Jika Nanti Jatuh Cinta Lagi Bab 1

Ervan melirik sekilas pada jam digital di pergelangan tangan kirinya, menghitung sesaat, ternyata sudah lebih dari tiga puluh menit ia duduk tanpa melakukan pergerakan apapun di salah satu sudut Crystal View yang ia miliki di kawasan Jakarta Timur. Selama itu pula matanya tak beralih dari tubuh putra bungsunya yang tidur sangat pulas hingga sedikit menganga. Bocah lelaki dengan rambut ikal dan pipi sebulat bakpao merekah itu tertidur sangat nyenyak di atas pangkuan seorang gadis muda yang Ervan yakini adalah salah satu dari guru pengajar Giri di sekolah barunya.

Sudah dua bulan ini Ervan mengajak Tama dan Giri untuk pindah ke ibu kota. Hal tersebut dikarenakan ia menerima tawaran dari salah satu stasiun televisi yang mengajaknya menjadi salah satu juri di ajang lomba memasak bergengsi tanah air. Ervan tak perlu berpikir dua kali untuk menerima tawaran menarik tersebut, apalagi sudah satu tahun ini ia membuka cabang cafenya di Jakarta. Selain itu Ervan memang sudah lama berencana pindah dari pulau Dewata, karena terlalu banyak kenangan menyesakkan di sana. Entah itu kenangan indah bersama perempuan yang tak bisa ia miliki ataupun kenangan pahit akan hancurnya rumah tangganya bersama Irina.

Ini pemandangan yang langka. Batin Ervan tergelitik penasaran.

Sangat langka. Karena itu sedari tadi chef tampan itu tak melarikan netranya kemana-mana selain pada putranya, sesekali juga melirik pada perempuan yang siang ini tampil modis dengan blouse berwarna hijau tua dipadukan kulot panjang berwarna cerah. Tak heran jika Ervan menyebut ini sebagai pemandangan tak biasa, karena sebelum-sebelumnya Giri sangat sulit untuk akrab dengan orang asing. Dengan Sashi yang notabene adalah kakak kandung Ervan saja balita itu cenderung menghindar, juga dengan beberapa pengasuh yang sudah sangat sering berganti-ganti karena tak ada yang mampu ‘menaklukkan’ seorang Giri. Tapi lihat saja sekarang, bocah itu tidur dengan damainya di pangkuan orang yang baru ia kenal.

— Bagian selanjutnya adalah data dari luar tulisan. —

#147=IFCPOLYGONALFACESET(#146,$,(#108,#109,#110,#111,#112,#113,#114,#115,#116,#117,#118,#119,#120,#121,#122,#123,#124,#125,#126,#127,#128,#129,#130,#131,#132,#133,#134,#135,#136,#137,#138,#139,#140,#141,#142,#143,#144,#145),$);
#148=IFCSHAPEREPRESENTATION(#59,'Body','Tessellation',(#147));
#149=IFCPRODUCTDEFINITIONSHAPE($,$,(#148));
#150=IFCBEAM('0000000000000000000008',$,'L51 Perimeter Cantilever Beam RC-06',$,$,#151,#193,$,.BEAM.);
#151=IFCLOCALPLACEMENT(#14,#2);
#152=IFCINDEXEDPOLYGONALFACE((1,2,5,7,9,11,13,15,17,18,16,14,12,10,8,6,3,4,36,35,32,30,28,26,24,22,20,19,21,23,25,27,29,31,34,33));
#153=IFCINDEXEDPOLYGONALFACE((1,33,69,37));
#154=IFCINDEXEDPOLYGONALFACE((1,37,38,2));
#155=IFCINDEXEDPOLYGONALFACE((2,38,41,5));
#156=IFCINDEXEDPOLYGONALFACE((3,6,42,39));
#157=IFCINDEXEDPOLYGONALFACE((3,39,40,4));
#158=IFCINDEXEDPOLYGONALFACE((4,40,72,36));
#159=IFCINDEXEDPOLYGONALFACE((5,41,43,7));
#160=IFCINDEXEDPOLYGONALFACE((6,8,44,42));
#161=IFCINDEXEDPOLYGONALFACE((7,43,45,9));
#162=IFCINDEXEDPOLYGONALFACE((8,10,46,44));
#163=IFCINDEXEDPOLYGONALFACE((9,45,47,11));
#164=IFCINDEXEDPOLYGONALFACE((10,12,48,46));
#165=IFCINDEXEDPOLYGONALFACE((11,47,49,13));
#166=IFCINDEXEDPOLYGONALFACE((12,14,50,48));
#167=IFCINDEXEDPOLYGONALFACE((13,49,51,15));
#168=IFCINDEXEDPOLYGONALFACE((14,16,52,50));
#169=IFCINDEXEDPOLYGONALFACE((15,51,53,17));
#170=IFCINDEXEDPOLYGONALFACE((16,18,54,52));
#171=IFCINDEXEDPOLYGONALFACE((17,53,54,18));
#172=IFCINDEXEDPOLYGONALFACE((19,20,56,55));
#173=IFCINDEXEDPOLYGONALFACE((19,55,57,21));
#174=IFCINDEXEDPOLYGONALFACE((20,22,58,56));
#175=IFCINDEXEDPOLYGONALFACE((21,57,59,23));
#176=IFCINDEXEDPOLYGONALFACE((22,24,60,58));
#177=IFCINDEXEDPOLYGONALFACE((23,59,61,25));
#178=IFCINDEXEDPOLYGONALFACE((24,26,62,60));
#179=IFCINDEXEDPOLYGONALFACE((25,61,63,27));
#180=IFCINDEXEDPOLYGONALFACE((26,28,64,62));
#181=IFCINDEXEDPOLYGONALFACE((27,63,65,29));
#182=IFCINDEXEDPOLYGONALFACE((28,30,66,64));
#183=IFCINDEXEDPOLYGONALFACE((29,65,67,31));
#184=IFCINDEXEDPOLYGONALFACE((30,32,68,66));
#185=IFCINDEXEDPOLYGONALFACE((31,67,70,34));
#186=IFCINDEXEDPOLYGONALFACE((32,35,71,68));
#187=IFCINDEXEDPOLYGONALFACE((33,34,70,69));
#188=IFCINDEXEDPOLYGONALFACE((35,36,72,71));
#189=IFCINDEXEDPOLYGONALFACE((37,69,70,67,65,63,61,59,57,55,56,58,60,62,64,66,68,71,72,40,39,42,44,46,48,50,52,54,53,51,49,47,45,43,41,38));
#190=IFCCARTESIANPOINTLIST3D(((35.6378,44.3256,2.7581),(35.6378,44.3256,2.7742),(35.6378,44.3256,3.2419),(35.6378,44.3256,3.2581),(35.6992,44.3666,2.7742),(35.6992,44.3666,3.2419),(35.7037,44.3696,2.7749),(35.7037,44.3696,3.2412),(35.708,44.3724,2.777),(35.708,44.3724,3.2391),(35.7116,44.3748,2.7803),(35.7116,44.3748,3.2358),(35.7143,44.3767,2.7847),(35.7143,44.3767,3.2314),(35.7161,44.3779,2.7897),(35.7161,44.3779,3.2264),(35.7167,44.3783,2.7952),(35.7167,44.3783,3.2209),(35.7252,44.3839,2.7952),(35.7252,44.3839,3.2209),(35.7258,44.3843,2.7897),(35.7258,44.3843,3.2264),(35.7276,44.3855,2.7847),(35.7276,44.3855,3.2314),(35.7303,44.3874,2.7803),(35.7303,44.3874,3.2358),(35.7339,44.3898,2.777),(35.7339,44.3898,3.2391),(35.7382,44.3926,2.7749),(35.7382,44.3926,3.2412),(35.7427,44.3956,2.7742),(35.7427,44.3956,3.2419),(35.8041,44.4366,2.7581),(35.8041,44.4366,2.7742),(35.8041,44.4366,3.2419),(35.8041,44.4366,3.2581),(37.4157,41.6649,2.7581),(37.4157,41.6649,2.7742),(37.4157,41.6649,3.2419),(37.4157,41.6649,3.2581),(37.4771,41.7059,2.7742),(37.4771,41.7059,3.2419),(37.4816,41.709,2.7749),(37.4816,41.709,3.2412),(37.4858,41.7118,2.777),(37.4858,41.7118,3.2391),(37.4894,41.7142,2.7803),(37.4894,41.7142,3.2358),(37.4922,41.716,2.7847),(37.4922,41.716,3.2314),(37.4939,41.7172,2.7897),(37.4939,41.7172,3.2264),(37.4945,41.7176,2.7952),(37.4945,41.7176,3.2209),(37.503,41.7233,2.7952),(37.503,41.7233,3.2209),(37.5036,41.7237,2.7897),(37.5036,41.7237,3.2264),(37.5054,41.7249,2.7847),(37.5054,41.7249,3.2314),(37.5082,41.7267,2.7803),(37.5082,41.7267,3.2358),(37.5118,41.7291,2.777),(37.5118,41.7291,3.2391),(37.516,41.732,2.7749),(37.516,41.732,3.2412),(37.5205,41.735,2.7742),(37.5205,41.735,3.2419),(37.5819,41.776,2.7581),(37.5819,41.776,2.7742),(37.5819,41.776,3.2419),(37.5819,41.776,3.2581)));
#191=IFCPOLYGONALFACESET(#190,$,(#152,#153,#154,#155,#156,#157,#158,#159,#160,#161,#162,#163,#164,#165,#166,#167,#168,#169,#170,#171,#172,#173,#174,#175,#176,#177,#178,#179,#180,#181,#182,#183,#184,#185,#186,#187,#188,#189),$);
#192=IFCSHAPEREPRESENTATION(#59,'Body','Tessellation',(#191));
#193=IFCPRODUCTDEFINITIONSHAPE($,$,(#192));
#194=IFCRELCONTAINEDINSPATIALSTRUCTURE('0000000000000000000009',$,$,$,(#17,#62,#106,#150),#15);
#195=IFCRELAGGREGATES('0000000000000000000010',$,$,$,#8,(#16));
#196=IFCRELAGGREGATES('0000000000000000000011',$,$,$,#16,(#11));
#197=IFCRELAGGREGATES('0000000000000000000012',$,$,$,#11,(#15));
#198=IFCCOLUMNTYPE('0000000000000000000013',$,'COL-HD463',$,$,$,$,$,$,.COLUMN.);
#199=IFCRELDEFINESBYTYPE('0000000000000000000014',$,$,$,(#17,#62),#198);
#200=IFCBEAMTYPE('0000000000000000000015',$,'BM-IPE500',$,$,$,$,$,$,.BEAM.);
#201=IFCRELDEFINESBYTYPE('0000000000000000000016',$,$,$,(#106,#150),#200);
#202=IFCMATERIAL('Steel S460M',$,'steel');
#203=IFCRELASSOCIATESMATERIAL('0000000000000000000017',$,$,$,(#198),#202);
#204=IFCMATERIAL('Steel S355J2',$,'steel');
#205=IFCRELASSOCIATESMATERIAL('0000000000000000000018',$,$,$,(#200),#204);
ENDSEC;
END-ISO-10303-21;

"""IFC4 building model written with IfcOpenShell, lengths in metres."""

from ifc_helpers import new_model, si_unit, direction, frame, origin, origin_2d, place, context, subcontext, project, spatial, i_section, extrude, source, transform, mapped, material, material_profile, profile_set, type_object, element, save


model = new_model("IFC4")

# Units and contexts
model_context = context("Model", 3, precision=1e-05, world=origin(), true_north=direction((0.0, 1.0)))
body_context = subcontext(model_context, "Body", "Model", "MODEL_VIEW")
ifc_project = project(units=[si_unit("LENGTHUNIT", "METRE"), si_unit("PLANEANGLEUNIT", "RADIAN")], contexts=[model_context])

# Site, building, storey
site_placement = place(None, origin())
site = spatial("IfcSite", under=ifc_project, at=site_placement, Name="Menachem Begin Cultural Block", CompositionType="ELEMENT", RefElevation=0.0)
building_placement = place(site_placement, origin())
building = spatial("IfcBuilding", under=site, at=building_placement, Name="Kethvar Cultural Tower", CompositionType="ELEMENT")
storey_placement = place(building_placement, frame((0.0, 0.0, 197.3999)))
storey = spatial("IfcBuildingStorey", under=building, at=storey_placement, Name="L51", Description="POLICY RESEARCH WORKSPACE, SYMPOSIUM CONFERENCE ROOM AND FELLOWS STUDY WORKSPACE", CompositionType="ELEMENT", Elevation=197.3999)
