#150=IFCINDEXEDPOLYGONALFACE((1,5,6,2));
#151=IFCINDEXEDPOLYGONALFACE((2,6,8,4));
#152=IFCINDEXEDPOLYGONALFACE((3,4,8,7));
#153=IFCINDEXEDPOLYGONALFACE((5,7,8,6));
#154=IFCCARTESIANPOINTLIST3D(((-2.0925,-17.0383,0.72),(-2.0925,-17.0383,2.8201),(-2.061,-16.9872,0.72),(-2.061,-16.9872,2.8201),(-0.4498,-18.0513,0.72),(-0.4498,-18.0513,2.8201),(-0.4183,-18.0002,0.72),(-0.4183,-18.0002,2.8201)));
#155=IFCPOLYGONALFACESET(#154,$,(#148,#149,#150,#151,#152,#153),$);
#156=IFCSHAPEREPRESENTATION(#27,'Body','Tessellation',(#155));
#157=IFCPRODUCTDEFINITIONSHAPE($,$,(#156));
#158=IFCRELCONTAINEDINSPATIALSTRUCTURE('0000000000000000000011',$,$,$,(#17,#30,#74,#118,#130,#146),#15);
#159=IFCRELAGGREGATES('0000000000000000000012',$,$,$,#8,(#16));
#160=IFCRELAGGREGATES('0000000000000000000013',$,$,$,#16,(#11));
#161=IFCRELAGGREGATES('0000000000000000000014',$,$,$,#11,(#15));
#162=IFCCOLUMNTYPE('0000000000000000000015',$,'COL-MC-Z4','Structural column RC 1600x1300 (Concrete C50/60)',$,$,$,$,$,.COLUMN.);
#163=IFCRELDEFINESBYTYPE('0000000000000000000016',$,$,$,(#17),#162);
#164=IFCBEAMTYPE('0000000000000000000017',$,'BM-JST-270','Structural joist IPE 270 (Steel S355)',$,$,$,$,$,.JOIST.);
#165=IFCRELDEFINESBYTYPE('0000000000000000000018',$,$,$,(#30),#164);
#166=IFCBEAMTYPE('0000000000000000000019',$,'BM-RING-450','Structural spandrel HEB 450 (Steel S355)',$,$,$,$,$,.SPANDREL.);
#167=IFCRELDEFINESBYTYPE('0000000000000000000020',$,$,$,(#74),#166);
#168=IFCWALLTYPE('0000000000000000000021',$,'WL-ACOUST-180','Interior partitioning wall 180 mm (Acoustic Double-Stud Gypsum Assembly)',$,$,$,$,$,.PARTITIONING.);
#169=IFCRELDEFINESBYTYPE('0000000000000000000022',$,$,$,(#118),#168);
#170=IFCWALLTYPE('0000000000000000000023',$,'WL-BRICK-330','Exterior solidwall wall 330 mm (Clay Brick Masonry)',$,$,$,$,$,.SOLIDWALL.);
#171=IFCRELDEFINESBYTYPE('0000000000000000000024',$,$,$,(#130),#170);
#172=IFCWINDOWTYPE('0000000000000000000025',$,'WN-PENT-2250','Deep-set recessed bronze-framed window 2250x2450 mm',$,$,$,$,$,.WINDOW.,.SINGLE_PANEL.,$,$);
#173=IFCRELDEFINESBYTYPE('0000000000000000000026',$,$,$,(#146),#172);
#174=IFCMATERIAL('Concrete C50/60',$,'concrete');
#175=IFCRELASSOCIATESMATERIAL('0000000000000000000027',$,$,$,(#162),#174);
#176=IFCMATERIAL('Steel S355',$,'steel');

Baru saja Ervan hendak bangkit berdiri, terpaksa  kembali mendaratkan bokongnya pada sofa tunggal yang tadi ia duduki. Hal tersebut karena ada satu sosok lain yang mendekati perempuan muda tersebut. Yang sepertinya masih rekan satu profesi si gadis yang kini tangannya mengusap lengan Giri dengan perlahan itu.

“Gis, belom pulang juga lo?” tanya perempuan berkacamata hitam yang baru saja memasuki area café.

“Lo gak liat gue gak bisa gerak gini. Ni bocah anteng banget dari tadi. Mana tega gue bangunin.” jawab si perempuan yang tadi dipanggil ‘Gis’ itu.

“Bokapnya belom dateng?”

“Boro-boro dateng, pesan terakhir gue aja belom dibaca.” jawab si Gis Gis ini dengan wajah sebal.

Ervan sontak merogoh saku celana guna mencari benda pipih yang sedari tadi belum ia rubah dari mode silent. Cepat-cepat ia membuka aplikasi berlogo hijau itu, dan benar saja di sana ada tiga pesan yang ternyata terlewat belum ia buka.

Wali kelas Giri : Giri bilang minta diantar ke tempat makan yang namanya Crystal View pak. Saya tunggu bapak di sana lima belas menit lagi. Kasihan kalau Giri terlalu lama rewel.

Wali kelas Giri : Kami sudah sampai pak. Pak Ervan dimana?

Wali kelas Giri : Bapak dimana? masih jauh? Giri mengantuk pak.

“Ngapain sih Giri minta antar ke sini?” tanya si sahabat Gis-Gis,  membuat Ervan menajamkan pendengarannya lagi pada dua sahabat yang sedang berbincang santai itu.

“Mana gue tau, tadi pas dia nangis kejer. Cuma bilang minta antar ke tempat papanya sering ajak  dia makan. Namanya Crystal View. Laah di Jakarta, tempat makan yang namanya Crystal View cuma ini kan?”

“Gisa.. Gisa…”

Oke ternyata namanya Gisa.

“Ribet banget dah nasib lo jadi guru toddler, tiap hari gak senewen apa hadepin bocah piyik yang bikin repot gitu? Salah lo sendiri deh, kemaren sempat nolak tawaran jadi dosen di Bina Bangsa.” protes si sahabat Gisa ini.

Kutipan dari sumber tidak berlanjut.